Split by comparing each category of interest to the full dataset

When we want to know if there is a relationship between metric A and metric B, the first step is to create a scatterplot. For example, the scatterplot below shows the outdoor temperature and energy demand in Texas for each hour over the course of a year. It’s immediately clear that there is a strong relationship between temperature and energy use (even though that relationship is also obviously non-linear!).

While there is clearly a correlation between temperature and electricity demand, it’s also clear that temperature doesn’t tell the whole story. For any given temperature, there is a roughly 10-15K MWh difference from minimum to maximum energy use. Knowing that in our own homes we crank the thermostat a lot higher on a cold afternoon than on a cold night, we guessed that the hour of day could play a key role in the relationship between temperature and energy use.

The standard approach to adding an additional category to a scatterplot is to apply a categorical color, thereby comparing everything to everything (comparing all hours, temperatures, and energy demand in one chart). If we do that, we do see that something is going on. More greens and blues in the top right, more pinks low. But to understand what the colors refer to, you have to look back and forth between the legend and the data a lot. Moreover, it’s impossible to answer a question like, “What’s the relationship between temperature and energy at 10am?” Or, “How does early morning compare to evening?

Instead we can apply two techniques: grouping and splitting the data into foreground and background.

In the three charts below, the dots representing 5am, 10am, and 6pm are colored brightly. Meanwhile, the entire dataset is shown in grey in the background. This gives us the context to see the relationship between temp and energy for each hour, and see that in the context of the full dataset.

By specifically comparing “5am” to “all other times of day,” we can see that 5am is relatively low energy use regardless of temperature (and temperatures are never very high at 5am). Meanwhile, at 6pm energy use is generally higher at all temperatures.
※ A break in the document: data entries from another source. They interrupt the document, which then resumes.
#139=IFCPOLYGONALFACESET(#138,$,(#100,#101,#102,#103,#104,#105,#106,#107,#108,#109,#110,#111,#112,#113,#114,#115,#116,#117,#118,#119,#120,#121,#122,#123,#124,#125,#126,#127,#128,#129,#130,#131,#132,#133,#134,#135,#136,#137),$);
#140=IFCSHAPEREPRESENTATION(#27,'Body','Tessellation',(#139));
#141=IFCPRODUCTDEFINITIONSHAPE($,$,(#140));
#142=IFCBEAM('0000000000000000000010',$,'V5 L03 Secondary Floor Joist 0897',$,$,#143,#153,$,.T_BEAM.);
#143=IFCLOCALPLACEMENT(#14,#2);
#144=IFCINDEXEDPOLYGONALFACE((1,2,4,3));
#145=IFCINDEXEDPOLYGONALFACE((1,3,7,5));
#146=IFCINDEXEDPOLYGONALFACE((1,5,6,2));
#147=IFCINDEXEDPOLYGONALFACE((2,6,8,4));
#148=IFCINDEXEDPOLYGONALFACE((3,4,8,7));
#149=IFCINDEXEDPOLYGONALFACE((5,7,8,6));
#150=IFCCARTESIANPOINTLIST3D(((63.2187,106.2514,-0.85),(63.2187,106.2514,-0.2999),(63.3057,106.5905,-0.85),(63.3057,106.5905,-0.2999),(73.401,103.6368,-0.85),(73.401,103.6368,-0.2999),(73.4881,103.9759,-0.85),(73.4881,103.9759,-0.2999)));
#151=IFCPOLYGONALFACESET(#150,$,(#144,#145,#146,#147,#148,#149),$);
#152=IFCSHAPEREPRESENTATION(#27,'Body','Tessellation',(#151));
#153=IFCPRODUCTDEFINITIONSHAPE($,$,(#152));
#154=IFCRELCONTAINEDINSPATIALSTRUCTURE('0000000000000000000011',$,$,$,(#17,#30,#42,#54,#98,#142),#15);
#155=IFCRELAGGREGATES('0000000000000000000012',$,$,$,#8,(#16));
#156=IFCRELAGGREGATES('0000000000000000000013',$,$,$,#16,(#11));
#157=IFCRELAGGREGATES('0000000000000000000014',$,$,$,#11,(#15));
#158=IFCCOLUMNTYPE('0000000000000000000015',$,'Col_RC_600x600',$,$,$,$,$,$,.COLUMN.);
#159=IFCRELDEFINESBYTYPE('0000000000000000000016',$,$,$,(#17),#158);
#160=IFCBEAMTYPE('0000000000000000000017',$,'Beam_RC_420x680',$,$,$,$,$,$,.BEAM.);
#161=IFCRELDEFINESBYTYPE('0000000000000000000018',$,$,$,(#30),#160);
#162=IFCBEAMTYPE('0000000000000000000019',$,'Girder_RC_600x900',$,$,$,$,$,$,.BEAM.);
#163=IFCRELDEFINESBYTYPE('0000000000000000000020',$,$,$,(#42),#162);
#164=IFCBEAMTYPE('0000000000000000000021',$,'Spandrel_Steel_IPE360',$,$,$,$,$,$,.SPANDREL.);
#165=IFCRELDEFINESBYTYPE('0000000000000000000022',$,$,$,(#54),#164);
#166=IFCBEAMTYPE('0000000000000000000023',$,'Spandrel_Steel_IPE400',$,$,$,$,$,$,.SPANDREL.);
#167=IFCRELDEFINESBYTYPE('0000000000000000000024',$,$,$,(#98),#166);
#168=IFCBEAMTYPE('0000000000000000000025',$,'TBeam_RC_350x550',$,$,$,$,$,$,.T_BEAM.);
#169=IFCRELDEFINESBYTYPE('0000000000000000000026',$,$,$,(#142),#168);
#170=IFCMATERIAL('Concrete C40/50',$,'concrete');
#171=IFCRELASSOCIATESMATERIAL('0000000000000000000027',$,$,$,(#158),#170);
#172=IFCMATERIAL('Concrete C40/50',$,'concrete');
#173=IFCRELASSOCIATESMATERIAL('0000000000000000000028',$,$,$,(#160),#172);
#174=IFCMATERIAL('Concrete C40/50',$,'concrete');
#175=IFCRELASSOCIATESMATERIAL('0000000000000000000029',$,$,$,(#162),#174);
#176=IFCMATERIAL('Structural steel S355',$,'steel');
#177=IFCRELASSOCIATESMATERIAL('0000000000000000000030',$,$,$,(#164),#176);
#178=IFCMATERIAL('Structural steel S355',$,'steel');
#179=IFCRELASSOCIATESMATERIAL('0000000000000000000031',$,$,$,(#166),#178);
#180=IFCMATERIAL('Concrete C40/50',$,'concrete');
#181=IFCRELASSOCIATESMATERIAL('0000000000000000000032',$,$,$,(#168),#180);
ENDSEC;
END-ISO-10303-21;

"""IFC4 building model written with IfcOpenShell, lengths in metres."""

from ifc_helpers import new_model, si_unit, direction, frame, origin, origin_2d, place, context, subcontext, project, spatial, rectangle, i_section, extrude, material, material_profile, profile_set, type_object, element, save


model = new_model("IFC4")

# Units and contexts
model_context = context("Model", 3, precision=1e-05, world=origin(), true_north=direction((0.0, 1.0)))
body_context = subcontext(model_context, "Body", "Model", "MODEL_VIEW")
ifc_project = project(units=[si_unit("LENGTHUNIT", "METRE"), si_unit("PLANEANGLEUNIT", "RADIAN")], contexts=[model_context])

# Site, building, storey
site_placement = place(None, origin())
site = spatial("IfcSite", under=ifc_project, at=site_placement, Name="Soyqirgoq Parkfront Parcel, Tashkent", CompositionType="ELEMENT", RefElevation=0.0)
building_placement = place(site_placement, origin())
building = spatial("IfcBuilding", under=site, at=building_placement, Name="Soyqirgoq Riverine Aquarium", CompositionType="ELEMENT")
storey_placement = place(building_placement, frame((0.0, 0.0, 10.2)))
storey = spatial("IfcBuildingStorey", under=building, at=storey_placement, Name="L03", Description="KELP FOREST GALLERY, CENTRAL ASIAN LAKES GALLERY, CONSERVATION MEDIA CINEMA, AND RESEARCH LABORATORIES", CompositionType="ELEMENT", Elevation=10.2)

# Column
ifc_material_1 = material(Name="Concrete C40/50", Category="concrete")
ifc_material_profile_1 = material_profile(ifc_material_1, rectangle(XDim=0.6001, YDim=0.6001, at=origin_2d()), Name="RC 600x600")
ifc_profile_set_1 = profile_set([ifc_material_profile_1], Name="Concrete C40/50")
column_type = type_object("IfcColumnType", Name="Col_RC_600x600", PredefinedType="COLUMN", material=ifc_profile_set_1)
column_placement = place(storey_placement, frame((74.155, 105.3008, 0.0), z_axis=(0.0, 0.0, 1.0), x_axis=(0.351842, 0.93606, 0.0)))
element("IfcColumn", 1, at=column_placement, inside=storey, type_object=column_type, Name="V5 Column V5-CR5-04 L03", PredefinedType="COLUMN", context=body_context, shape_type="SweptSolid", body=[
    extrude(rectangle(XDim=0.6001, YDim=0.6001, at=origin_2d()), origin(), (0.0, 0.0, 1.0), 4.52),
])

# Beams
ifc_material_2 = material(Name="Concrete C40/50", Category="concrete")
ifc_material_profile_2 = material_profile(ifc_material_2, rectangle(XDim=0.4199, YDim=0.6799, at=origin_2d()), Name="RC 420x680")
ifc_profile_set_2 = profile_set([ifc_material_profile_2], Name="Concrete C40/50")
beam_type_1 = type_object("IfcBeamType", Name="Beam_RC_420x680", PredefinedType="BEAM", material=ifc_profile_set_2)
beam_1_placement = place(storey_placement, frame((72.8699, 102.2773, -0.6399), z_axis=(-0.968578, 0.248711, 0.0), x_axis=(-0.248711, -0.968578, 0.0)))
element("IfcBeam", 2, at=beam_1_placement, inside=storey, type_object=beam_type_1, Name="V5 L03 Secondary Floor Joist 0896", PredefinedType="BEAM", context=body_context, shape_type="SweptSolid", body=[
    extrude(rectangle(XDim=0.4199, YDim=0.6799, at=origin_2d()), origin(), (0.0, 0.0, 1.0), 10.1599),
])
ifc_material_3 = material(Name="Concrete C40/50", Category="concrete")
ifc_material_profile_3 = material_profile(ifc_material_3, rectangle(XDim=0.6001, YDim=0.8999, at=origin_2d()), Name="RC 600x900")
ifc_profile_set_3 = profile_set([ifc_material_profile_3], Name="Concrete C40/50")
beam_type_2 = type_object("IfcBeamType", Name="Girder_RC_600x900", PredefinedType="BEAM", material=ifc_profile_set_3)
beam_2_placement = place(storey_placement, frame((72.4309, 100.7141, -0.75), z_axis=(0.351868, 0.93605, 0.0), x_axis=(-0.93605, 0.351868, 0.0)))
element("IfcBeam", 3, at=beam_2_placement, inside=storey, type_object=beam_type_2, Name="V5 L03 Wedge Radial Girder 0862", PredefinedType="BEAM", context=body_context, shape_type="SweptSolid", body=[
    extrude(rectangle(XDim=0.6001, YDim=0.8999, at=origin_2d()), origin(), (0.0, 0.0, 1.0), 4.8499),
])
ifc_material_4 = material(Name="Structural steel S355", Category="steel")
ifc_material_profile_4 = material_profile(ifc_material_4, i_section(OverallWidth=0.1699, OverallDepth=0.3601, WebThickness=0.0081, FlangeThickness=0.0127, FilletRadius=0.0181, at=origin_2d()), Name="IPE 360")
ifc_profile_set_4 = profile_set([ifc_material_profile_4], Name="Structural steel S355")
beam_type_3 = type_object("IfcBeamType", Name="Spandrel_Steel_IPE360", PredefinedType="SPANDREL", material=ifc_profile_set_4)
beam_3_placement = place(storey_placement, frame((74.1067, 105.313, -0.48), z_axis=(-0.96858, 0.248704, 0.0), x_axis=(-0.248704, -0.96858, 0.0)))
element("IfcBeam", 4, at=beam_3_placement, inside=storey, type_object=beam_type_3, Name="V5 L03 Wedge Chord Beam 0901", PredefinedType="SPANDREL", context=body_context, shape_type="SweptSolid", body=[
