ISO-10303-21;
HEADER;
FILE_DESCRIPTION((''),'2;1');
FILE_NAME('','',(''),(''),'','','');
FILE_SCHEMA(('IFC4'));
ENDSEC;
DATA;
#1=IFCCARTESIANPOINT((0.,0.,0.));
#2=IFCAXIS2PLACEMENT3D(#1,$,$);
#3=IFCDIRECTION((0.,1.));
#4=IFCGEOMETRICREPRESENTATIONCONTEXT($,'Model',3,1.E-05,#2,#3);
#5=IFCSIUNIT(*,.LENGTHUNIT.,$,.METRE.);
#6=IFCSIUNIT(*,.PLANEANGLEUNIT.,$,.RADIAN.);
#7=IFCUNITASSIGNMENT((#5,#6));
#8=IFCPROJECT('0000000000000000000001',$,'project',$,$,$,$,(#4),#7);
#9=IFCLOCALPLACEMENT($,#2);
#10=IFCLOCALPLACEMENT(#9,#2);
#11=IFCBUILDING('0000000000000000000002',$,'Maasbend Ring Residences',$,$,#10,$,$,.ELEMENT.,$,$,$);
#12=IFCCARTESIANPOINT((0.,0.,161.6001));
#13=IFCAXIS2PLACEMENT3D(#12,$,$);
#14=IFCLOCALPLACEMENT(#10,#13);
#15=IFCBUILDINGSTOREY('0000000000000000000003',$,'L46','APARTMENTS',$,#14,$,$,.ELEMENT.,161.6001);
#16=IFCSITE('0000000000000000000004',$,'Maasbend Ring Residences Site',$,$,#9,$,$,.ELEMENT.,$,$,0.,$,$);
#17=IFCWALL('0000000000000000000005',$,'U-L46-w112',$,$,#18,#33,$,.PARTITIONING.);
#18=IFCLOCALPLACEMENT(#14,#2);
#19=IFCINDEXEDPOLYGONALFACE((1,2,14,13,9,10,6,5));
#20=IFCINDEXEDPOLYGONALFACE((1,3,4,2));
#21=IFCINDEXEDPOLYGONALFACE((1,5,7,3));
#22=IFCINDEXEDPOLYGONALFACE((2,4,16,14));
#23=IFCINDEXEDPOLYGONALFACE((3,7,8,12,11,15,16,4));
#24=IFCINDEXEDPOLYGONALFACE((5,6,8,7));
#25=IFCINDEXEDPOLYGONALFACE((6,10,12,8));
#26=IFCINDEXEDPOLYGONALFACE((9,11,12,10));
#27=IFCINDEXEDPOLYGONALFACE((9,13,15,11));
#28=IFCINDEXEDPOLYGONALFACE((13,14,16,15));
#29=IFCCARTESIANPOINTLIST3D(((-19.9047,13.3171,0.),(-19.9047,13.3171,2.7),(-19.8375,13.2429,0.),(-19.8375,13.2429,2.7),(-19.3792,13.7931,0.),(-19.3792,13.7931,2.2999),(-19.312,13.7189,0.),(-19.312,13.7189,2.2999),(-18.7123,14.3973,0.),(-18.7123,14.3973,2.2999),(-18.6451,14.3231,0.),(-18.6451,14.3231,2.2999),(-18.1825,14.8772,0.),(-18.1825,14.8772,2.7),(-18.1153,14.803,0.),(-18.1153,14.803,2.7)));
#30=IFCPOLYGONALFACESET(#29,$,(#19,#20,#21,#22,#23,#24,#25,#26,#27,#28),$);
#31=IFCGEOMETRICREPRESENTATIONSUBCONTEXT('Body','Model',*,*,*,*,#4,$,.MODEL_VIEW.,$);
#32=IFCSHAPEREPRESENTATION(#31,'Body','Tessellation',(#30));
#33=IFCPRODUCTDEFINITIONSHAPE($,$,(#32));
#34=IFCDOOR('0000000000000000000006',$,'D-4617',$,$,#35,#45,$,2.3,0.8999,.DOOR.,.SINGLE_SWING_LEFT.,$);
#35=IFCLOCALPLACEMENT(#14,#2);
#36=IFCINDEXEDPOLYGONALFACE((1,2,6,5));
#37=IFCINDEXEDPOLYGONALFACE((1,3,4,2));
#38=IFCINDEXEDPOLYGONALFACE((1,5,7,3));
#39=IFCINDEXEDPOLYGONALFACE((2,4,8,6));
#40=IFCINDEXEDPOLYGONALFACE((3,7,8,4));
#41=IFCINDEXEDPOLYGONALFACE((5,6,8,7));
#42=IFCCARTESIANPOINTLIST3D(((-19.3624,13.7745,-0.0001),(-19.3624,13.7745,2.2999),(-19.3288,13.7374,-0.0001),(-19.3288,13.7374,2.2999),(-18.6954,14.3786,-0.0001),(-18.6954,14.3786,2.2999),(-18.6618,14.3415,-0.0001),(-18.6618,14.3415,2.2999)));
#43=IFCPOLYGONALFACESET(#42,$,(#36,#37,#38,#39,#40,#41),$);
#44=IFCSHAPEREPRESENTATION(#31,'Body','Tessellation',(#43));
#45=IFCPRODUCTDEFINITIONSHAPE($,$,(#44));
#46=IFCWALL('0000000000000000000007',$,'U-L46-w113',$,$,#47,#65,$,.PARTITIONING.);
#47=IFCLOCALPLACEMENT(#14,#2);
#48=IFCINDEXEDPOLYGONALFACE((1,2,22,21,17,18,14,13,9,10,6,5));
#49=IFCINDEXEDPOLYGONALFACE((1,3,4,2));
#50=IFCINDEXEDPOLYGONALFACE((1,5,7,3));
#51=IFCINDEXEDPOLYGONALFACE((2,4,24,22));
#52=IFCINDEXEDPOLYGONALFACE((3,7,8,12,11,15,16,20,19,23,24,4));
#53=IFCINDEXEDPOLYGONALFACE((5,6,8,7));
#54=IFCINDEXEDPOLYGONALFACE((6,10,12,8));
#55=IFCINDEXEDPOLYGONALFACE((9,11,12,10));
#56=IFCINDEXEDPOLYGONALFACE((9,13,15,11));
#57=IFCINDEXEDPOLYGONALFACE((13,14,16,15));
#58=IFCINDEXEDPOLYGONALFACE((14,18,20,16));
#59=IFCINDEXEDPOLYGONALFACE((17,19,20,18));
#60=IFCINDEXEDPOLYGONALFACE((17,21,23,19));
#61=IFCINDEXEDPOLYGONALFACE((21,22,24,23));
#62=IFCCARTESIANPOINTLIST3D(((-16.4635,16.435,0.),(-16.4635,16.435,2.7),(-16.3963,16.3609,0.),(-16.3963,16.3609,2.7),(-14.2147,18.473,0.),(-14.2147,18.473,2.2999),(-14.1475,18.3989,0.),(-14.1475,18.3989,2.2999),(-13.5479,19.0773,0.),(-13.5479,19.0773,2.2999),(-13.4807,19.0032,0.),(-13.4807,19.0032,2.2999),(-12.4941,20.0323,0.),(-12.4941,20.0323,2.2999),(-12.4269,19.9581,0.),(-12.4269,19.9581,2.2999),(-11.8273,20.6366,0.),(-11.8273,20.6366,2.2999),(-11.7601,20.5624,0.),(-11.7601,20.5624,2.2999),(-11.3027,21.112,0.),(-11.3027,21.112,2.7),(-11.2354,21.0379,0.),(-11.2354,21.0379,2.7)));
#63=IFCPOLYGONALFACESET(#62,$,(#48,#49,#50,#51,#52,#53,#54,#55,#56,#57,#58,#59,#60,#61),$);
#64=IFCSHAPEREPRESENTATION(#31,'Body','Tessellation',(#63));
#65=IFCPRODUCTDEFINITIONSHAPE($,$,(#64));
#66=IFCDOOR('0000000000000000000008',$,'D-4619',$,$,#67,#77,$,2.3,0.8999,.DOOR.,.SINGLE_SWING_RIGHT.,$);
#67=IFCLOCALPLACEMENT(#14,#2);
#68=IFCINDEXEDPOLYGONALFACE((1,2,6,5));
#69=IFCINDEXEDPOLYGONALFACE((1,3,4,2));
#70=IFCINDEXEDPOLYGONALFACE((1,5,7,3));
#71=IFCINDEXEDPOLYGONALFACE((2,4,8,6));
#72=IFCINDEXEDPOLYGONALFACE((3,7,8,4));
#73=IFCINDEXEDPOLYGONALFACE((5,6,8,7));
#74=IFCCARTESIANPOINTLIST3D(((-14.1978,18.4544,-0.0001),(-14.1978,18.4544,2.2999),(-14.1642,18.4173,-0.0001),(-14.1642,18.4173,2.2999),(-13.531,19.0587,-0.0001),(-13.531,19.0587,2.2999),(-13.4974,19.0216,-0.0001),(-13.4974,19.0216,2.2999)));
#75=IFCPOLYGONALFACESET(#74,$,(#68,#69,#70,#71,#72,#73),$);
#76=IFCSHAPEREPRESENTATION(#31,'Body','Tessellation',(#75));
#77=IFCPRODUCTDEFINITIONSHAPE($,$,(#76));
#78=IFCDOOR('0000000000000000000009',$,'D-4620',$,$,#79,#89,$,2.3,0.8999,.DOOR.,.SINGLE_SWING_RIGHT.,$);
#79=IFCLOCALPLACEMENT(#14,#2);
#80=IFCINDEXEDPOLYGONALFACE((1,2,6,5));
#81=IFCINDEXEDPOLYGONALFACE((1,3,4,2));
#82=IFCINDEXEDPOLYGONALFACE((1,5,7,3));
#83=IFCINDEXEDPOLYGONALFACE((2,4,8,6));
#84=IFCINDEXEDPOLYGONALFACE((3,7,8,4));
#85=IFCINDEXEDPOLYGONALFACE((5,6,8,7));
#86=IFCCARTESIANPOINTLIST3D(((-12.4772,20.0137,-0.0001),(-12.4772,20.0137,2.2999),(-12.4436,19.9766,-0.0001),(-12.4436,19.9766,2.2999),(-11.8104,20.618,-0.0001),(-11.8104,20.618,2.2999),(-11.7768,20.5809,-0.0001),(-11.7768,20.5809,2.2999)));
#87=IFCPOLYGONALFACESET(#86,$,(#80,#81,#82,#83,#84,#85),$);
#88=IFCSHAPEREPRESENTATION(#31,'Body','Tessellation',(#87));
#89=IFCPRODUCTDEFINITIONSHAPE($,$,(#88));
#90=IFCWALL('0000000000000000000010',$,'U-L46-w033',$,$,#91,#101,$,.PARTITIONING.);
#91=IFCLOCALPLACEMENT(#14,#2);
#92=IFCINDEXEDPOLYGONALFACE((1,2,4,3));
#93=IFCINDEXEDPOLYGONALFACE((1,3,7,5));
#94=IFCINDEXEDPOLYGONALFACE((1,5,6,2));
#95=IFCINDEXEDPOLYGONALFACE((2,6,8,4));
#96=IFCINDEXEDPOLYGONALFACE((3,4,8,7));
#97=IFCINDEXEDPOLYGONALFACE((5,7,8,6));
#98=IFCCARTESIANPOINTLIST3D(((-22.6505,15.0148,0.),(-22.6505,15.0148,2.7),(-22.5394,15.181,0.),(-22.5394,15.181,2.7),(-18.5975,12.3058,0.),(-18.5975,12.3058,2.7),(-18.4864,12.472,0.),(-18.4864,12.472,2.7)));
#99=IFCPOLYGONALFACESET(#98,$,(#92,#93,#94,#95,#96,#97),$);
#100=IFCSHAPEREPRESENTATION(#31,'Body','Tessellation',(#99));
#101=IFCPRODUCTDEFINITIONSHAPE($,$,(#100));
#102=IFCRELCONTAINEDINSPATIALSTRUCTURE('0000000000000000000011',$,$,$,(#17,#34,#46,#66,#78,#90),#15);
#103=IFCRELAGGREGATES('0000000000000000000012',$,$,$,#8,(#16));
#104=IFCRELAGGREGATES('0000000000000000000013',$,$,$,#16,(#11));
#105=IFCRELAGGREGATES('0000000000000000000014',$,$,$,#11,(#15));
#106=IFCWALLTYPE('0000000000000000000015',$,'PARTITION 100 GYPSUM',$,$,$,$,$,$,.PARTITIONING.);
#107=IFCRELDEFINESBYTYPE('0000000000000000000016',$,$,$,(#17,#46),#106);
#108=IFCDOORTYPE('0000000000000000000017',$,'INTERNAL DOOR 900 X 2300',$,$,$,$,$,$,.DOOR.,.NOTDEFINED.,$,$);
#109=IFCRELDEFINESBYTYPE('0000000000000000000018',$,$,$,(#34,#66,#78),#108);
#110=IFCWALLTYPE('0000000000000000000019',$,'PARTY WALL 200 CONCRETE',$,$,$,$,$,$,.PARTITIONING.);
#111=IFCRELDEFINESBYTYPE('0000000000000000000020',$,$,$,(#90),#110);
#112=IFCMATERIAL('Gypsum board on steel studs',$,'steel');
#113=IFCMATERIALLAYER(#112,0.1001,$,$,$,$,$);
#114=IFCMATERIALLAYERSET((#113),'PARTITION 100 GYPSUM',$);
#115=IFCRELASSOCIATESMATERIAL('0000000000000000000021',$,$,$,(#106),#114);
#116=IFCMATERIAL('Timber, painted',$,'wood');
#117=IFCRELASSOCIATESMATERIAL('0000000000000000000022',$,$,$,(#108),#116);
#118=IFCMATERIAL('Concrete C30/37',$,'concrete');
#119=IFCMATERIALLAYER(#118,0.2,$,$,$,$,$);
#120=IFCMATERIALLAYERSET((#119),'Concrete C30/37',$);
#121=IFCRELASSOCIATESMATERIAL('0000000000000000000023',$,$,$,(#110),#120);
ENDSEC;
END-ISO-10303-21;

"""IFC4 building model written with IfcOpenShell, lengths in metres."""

from ifc_helpers import new_model, si_unit, direction, frame, frame_2d, origin, place, context, subcontext, project, spatial, rectangle, extrude, material, layer, layer_set, type_object, element, fill, save


model = new_model("IFC4")

# Units and contexts
model_context = context("Model", 3, precision=1e-05, world=origin(), true_north=direction((0.0, 1.0)))
body_context = subcontext(model_context, "Body", "Model", "MODEL_VIEW")
ifc_project = project(units=[si_unit("LENGTHUNIT", "METRE"), si_unit("PLANEANGLEUNIT", "RADIAN")], contexts=[model_context])

# Site, building, storey
site_placement = place(None, origin())
site = spatial("IfcSite", under=ifc_project, at=site_placement, Name="Maasbend Ring Residences Site", CompositionType="ELEMENT", RefElevation=0.0)
building_placement = place(site_placement, origin())
building = spatial("IfcBuilding", under=site, at=building_placement, Name="Maasbend Ring Residences", CompositionType="ELEMENT")
storey_placement = place(building_placement, frame((0.0, 0.0, 161.6001)))
storey = spatial("IfcBuildingStorey", under=building, at=storey_placement, Name="L46", Description="APARTMENTS", CompositionType="ELEMENT", Elevation=161.6001)

# Shared definitions
ifc_material_1 = material(Name="Gypsum board on steel studs", Category="steel")
ifc_layer_1 = layer(ifc_material_1, 0.1001)
ifc_layer_set_1 = layer_set([ifc_layer_1], Name="PARTITION 100 GYPSUM")
wall_type_1 = type_object("IfcWallType", Name="PARTITION 100 GYPSUM", PredefinedType="PARTITIONING", material=ifc_layer_set_1)
ifc_material_2 = material(Name="Timber, painted", Category="wood")
door_type_1 = type_object("IfcDoorType", Name="INTERNAL DOOR 900 X 2300", OperationType="NOTDEFINED", PredefinedType="DOOR", material=ifc_material_2)
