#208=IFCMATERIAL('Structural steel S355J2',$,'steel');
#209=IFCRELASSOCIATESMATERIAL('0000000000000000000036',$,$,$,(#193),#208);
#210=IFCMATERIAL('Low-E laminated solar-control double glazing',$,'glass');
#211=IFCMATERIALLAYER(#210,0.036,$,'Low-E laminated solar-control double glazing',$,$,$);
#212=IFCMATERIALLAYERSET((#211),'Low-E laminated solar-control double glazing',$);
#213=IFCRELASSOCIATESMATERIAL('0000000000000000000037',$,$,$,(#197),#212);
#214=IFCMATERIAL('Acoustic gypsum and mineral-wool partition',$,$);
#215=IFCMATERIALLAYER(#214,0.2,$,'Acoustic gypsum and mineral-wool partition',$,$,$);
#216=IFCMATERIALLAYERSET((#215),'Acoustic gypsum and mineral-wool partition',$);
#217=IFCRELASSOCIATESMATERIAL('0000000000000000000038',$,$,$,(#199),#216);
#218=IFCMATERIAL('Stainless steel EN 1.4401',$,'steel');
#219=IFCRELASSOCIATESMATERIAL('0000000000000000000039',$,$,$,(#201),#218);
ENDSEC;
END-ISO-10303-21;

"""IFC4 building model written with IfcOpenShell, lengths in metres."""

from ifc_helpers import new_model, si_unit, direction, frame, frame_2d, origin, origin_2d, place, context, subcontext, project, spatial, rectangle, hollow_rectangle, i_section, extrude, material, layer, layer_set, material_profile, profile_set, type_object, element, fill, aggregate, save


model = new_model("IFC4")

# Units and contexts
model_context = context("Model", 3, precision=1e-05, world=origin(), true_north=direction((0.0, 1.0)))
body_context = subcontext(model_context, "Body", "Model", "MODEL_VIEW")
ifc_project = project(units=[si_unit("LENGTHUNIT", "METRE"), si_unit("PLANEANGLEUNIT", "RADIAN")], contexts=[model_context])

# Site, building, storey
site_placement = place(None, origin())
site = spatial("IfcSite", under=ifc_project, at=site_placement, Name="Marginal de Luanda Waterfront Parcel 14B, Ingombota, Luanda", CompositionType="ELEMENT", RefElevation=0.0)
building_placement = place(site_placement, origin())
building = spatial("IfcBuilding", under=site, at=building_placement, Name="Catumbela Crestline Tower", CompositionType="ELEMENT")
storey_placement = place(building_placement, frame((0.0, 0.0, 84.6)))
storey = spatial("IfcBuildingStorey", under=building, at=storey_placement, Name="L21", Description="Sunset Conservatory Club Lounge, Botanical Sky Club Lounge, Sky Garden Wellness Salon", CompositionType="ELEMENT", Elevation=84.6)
10am is in some ways the most interesting: at lower temperatures (in the left half of the graph) the yellow dots are relatively high compared to the grey dots, indicating high energy use relative to other hours of the day at the same temperature. Meanwhile, for high temperatures on the right half of the graph, the yellow dots hug the bottom of the grey area. At hot temperatures, relatively little energy is used at 10am compared to the rest of the day. This type of insight is made possible not just by grouping, but also by using the full “noisy” dataset as a consistent background providing context for all the faceted charts.

Summary: Embrace the complexity of your data

In the course of creating the Analyzing Time Series Data collection, Ian Johnson, Mike Freeman, and I employed a range of strategies to embrace the complexity of the data instead of relying on standard methods that aggregate it away. Those frustratingly jagged lines are the signal, not the noise.

We embraced complexity by:

Rearranging data to compare “like to like.”
Augmenting our data based on the concepts that we know matter and on what we discovered in the data.
Using the larger dataset to provide background context for the data of interest (the foreground).

These approaches are especially powerful for time series data because the underlying daily, weekly, and seasonal patterns can feel so distracting. In particular, consider how these strategies might power real-time data analysis by putting incoming data in a richer historical context for quick visual pattern-matching to identify normal vs. worrisome patterns. At the same time, these foundational techniques also apply to any data that can feel overwhelming and noisy, like machine learning classifications or data resulting from high-throughput scientific experiments.

After seeing each of these techniques in action, perhaps the next time you are about to aggregate your data in order to simplify it, you might instead try to rearrange, augment, or split your data into foreground/background. See the data in its full context to reveal unexpected patterns and prompt new data-driven questions. Embrace complexity by (literally) changing how you look at your data.